I'm really not interested in debating health care with you, because you're right, no one's mind is getting changed, but I will challenge you on that claim. And I will also tell you that I think it's asinine, and I think if you object to taxes going to pay for civilization so much, you should stop using civilization and go live in a cave somewhere.

And re: your comments on V, ever heard of hyperbole? How stupid do you think I am anyway?

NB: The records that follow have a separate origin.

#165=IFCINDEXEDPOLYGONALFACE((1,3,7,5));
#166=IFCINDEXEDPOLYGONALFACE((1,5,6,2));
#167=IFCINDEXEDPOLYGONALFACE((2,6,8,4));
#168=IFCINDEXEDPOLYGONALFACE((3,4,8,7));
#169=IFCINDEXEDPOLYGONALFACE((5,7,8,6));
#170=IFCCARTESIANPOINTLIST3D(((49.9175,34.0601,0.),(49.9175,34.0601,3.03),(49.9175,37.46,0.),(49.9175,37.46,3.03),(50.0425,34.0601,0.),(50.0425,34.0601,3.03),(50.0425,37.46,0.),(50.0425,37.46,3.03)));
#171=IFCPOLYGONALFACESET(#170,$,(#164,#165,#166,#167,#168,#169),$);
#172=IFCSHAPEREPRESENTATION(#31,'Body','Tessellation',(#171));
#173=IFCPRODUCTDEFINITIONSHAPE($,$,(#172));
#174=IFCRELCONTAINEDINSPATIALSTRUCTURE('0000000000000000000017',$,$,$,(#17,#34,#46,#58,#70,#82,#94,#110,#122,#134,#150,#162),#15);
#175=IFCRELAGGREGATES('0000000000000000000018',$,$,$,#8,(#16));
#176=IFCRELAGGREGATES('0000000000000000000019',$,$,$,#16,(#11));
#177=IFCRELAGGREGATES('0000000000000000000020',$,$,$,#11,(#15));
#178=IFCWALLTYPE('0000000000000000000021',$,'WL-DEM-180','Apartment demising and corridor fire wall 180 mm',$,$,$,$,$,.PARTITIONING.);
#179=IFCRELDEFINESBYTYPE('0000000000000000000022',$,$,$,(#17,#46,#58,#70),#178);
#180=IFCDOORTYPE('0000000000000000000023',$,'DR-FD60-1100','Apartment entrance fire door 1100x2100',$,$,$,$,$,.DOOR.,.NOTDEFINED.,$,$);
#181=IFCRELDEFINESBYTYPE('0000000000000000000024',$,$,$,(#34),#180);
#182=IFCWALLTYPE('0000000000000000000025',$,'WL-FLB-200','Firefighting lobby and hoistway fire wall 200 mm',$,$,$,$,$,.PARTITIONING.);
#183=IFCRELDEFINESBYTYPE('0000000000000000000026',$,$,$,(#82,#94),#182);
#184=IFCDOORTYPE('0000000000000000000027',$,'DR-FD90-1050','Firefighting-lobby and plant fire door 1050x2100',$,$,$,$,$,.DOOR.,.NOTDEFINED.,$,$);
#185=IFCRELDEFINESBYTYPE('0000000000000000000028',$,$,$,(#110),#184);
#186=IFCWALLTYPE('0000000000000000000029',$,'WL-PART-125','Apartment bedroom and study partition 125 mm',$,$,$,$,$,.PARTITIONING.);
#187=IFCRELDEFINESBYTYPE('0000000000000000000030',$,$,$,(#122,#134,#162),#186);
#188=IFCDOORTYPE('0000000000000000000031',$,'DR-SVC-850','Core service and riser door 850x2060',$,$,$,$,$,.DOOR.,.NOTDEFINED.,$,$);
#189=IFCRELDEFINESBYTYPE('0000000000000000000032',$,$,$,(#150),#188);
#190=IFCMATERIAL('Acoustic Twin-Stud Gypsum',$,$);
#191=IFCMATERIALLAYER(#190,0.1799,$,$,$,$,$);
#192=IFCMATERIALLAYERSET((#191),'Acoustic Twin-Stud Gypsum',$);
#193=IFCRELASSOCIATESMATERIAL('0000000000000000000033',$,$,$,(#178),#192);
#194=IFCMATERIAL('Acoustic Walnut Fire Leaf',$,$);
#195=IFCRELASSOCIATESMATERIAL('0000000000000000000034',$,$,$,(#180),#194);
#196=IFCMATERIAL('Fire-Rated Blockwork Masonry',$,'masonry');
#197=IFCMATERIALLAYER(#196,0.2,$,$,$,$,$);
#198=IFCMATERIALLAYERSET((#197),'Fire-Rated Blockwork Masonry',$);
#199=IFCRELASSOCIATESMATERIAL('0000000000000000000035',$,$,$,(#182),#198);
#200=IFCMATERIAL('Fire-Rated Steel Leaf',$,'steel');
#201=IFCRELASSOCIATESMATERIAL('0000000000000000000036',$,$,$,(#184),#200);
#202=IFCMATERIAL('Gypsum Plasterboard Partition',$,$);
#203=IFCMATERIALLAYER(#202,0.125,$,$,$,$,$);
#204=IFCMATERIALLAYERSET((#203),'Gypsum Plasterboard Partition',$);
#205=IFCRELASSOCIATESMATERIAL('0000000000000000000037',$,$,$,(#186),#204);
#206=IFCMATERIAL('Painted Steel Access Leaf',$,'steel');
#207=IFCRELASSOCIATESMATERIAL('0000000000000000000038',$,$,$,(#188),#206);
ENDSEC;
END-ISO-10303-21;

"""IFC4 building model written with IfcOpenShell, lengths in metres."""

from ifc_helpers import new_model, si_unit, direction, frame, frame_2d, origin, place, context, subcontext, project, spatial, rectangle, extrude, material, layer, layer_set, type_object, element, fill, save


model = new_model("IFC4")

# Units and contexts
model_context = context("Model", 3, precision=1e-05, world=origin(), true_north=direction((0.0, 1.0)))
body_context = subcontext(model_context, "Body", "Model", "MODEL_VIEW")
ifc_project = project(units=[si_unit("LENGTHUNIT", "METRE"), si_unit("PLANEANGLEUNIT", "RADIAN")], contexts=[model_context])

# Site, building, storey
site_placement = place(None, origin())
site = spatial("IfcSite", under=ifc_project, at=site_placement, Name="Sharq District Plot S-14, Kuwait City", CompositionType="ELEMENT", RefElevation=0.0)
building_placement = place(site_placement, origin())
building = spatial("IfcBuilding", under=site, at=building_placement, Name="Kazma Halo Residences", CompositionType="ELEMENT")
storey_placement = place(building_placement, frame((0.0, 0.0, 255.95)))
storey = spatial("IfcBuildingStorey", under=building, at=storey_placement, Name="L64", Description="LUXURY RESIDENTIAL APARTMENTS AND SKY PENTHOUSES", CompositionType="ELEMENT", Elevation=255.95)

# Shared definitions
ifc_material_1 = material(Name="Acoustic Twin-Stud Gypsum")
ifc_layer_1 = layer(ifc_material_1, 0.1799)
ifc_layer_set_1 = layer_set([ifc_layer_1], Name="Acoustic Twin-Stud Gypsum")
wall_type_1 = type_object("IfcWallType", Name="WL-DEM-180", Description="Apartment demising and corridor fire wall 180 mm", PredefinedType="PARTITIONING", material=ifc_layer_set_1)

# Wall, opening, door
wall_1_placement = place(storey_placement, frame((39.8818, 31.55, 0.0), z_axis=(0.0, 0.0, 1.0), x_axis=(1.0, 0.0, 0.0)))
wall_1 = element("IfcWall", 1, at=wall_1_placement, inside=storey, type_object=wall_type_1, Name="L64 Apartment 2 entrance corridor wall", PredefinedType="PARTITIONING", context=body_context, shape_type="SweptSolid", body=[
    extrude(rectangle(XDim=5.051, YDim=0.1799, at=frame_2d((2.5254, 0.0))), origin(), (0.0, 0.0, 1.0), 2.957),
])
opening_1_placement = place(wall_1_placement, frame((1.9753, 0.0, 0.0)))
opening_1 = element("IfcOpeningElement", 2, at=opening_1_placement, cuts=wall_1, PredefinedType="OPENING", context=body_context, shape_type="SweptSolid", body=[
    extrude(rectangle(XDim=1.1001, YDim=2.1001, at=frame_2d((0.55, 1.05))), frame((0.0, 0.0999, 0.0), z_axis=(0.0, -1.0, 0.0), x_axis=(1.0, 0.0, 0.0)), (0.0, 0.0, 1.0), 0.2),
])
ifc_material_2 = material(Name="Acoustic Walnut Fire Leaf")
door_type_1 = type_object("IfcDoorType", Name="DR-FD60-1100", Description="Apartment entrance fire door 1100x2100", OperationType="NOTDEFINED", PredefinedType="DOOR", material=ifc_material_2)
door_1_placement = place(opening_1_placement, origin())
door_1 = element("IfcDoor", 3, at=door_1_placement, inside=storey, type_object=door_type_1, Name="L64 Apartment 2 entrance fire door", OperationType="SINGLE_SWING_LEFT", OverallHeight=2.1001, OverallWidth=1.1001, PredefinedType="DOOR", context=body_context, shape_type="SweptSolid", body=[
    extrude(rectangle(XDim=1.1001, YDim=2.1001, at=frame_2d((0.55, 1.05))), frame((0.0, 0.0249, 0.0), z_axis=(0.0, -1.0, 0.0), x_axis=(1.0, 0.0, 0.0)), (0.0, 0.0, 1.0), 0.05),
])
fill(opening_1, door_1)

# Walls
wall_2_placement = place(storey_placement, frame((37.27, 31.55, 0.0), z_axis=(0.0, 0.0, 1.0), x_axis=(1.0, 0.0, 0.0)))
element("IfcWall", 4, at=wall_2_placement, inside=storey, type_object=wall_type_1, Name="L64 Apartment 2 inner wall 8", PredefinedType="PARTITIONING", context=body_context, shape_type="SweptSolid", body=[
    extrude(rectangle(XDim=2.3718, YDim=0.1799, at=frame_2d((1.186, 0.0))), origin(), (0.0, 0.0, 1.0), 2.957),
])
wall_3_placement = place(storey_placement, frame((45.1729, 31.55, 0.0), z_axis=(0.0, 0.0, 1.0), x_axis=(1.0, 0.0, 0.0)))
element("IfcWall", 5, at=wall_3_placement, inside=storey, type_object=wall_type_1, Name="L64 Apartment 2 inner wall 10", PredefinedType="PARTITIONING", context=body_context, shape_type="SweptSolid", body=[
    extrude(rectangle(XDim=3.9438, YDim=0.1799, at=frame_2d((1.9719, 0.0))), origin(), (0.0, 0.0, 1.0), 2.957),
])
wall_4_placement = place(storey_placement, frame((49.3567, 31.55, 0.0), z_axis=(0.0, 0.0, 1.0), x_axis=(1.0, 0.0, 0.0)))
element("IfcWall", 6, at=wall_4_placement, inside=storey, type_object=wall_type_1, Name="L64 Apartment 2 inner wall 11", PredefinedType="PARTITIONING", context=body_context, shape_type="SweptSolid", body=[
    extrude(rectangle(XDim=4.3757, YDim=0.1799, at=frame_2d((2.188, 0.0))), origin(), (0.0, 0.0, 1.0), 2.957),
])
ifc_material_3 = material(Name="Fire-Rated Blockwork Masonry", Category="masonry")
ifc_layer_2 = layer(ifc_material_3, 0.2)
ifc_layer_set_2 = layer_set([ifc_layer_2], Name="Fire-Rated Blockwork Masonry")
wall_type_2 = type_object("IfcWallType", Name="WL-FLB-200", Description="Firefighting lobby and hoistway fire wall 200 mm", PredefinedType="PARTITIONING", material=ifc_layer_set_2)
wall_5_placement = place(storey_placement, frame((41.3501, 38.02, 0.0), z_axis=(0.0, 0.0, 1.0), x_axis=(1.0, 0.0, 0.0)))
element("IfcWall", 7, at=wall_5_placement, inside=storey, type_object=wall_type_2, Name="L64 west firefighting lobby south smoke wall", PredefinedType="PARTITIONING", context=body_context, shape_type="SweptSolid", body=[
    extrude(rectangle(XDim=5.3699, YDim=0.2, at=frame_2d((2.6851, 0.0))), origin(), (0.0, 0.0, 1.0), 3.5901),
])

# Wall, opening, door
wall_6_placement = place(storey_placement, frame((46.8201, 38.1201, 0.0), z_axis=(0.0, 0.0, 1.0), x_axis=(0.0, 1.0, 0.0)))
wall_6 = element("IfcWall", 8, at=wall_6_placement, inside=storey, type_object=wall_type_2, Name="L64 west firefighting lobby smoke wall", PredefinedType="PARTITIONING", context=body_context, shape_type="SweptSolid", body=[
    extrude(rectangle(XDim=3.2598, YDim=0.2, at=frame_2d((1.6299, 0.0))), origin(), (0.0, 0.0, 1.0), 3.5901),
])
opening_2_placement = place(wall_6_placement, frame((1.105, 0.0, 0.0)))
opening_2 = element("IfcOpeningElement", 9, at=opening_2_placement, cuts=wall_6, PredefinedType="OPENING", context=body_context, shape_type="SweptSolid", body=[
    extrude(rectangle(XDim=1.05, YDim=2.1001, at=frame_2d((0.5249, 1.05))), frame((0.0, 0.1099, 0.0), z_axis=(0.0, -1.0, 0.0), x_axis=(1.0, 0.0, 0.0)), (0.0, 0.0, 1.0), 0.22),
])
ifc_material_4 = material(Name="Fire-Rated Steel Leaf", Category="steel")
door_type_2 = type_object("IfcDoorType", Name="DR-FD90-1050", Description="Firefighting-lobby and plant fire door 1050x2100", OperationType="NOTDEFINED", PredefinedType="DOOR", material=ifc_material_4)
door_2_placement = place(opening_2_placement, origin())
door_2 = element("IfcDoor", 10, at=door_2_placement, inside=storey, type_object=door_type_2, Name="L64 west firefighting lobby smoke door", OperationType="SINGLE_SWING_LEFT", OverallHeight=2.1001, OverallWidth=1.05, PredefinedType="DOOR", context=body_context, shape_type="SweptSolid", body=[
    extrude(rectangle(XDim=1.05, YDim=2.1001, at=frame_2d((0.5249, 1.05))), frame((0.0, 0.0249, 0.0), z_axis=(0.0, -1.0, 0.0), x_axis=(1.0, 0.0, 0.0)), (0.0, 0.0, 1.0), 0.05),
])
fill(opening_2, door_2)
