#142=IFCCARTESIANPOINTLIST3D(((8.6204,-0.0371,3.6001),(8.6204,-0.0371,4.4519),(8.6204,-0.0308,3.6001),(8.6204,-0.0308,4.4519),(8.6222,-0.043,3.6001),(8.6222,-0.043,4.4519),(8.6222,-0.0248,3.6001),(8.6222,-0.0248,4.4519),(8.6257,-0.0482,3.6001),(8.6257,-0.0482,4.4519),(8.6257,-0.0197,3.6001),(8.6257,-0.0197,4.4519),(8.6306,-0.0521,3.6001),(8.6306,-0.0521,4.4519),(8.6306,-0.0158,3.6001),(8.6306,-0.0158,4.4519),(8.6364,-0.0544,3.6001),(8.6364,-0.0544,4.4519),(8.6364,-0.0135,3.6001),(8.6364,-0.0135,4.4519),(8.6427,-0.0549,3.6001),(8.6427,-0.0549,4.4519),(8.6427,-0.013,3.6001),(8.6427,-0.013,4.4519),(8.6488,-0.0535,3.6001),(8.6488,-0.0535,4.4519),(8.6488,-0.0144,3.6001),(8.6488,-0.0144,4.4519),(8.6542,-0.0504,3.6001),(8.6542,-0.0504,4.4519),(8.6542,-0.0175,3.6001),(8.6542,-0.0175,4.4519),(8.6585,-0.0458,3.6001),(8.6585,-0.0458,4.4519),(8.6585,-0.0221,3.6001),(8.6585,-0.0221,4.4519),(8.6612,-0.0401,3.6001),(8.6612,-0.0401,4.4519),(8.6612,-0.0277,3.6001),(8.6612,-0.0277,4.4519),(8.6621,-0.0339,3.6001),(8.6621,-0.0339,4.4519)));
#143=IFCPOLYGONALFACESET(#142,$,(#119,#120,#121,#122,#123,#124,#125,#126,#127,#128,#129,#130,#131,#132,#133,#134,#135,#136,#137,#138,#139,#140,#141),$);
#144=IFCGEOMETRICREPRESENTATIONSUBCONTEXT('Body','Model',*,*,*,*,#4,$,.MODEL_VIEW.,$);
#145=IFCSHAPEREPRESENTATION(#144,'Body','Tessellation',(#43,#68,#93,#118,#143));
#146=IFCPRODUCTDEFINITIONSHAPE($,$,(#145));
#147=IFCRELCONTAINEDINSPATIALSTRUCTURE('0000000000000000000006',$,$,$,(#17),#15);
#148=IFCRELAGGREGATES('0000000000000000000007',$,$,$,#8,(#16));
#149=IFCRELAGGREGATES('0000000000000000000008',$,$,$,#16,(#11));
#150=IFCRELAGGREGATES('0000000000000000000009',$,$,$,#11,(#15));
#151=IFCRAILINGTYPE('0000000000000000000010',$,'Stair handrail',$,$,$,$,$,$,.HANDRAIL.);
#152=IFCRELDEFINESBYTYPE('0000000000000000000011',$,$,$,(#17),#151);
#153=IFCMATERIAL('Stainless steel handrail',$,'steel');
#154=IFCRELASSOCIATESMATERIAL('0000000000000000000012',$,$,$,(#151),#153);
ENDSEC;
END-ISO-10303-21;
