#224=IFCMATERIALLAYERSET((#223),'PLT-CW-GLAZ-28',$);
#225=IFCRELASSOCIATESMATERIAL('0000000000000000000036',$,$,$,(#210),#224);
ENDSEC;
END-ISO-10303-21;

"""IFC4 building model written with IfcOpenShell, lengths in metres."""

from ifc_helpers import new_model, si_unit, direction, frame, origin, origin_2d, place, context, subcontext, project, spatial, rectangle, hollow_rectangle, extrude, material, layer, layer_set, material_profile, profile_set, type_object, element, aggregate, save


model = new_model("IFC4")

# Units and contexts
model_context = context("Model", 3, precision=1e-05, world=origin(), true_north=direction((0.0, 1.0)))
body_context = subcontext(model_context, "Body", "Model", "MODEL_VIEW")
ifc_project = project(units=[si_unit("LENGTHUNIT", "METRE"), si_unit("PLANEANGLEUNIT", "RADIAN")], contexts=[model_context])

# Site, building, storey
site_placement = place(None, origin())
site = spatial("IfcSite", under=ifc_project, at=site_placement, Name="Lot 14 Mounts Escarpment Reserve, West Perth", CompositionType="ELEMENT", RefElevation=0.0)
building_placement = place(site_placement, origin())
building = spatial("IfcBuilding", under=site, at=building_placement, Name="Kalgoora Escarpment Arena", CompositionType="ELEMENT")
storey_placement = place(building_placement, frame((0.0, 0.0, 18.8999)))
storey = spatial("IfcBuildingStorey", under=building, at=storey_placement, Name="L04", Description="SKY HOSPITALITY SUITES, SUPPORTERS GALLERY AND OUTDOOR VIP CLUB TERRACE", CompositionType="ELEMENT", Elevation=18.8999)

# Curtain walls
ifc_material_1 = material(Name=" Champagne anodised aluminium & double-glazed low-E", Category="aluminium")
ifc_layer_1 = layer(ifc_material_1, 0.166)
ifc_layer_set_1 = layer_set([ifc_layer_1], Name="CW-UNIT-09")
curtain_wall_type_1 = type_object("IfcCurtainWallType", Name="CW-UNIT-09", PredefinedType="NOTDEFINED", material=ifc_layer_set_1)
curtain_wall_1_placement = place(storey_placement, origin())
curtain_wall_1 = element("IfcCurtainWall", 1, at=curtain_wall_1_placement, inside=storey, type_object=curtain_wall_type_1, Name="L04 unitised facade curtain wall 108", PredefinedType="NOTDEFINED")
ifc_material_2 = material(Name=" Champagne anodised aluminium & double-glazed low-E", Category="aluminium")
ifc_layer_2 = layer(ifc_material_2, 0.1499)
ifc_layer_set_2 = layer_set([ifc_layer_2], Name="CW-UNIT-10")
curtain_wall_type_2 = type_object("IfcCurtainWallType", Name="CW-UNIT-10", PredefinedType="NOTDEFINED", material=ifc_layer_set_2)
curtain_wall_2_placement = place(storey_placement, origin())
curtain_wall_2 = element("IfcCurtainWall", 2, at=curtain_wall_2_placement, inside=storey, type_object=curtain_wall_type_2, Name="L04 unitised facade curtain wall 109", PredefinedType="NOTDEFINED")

Date: 2009-11-06 10:04 pm (UTC)
From: [identity profile] mfree.livejournal.com
I don't object to taxes going to "pay for civilization" at all. I'd just like them to go where I have a little more control over direction. And yes, in my particular situation, I'm not using/allowed federal services equivalent to the amount removed from my paycheck and the matching sum paid by my employer combined minus the amount averaged per capita regained by the state on my behalf. On that note, I don't actually *mind* it so much. I mind the amount that gets taken out and put to *waste*, which the bill on the table is going to generate in droves.

I don't think you're stupid at all. I wasn't being literal, the whole "hope/change/universal healthcare" thing was hamfisted as all get-out. But to that point in the plot, evilness wasn't hinted at beyond the absolutely creepy body language of Anna, and alliteration to it would have been from preconcieved notion either from knowing the plot (I'd watched the original mini-series) or from the banter about the code words the writers peppered the dialogue with, as has been discussed for weeks. *That* is what I'm phrasing around. Yes, I could have put it better, I'm looking at what I wrote now and it looks high-handed, and for that I apologize.

Date: 2009-11-09 04:52 pm (UTC)
From: [identity profile] kellinator.livejournal.com
Thank you. I really appreciate that.